Alex McKinnon

Personal information
- Full name: Alexander McKinnon
- Date of birth: 1865
- Place of birth: Edinburgh, Scotland
- Date of death: 1935 (aged 69–70)
- Position(s): Forward

Senior career*
- Years: Team / Apps / (Gls)
- 1887: Hibernian
- 1888: Everton / 6 / (5)

= Alex McKinnon (footballer) =

Scottish footballer

Alexander McKinnon (1865–1935) was a Scottish footballer who played for Hibernian and Everton.

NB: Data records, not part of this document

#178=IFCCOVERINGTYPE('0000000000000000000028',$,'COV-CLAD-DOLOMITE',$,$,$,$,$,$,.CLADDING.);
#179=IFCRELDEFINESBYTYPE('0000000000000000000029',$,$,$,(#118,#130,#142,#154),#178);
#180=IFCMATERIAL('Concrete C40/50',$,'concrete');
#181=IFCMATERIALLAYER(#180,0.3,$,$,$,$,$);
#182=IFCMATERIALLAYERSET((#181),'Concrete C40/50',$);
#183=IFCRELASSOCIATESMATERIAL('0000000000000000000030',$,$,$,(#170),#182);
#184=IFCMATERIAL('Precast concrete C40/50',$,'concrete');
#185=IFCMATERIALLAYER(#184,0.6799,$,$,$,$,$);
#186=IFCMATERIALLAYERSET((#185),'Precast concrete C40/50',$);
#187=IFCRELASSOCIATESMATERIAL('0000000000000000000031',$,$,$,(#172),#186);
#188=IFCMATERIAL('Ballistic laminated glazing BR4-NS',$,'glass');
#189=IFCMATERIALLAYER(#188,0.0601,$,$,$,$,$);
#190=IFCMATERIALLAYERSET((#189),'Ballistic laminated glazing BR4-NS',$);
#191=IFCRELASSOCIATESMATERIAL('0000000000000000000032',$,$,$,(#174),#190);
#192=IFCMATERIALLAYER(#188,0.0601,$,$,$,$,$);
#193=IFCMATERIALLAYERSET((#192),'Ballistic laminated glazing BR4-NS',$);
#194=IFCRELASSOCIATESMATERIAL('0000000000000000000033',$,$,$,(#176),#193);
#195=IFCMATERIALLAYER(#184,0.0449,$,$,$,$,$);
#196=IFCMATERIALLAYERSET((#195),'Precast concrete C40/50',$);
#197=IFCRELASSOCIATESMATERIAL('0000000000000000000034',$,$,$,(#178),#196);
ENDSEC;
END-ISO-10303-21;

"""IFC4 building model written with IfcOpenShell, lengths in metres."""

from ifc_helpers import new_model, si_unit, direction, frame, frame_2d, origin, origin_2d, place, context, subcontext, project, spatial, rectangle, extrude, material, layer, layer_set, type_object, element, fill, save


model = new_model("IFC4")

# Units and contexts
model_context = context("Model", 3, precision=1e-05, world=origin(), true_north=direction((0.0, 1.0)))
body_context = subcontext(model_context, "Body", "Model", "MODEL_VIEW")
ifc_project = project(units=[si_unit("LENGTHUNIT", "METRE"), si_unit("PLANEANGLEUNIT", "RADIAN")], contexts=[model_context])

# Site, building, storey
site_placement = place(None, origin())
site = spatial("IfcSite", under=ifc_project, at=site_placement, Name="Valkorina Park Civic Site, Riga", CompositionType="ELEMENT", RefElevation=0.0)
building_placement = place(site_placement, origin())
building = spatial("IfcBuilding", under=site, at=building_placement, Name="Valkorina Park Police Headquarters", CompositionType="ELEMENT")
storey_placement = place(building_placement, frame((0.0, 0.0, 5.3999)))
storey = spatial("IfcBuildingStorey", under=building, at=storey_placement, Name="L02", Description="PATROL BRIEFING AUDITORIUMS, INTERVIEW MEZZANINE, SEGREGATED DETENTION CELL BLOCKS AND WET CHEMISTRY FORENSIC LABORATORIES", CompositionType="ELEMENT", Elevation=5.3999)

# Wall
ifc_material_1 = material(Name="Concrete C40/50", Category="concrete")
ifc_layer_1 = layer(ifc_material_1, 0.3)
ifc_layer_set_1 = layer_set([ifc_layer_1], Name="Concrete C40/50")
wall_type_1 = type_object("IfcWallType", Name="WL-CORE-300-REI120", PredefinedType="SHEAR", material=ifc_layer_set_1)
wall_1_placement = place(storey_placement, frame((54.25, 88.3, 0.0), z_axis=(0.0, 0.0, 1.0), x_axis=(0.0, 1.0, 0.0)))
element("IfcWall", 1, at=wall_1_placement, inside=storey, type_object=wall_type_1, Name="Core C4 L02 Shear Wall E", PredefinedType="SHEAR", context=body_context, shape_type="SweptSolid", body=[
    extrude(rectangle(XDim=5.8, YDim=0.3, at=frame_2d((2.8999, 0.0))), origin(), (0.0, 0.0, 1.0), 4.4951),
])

Alex McKinnon made his League and Club debut on 15 September 1888, playing at centre-half, at Anfield, the then home of Everton. The home team defeated the visitors, Notts County 2–1. Alex McKinnon scored his debut Club and League goal on 20 October 1888, playing as a winger, at County Ground, the then home of Derby County. Everton defeated the home team 4–2 and McKinnon scored the third of Everton' four goals. Alex McKinnon scored his first and only League hat-trick, and the first by an Everton player on 27 October 1888. Playing as a winger at Anfield Alex McKinnon scored the second, fourth, fifth and sixth Everton goals as the home team defeated the visitors, Derby County FC 6–2. Alex McKinnon appeared in six of the 22 League matches played by Everton in season 1888–89 and scored five goals. Four of his five goals came in one match. As a winger (five appearances) he played in the Everton midfield when it achieved a big (three–League–goals–or–more) once. Playing as a centre-half (one appearance) he played in the Everton defence when they restricted the opposition to one–League–goal–in–a–match once.

McKinnon left the club suddenly in November/December 1888. No reason was given. He died in 1935 aged c. 70.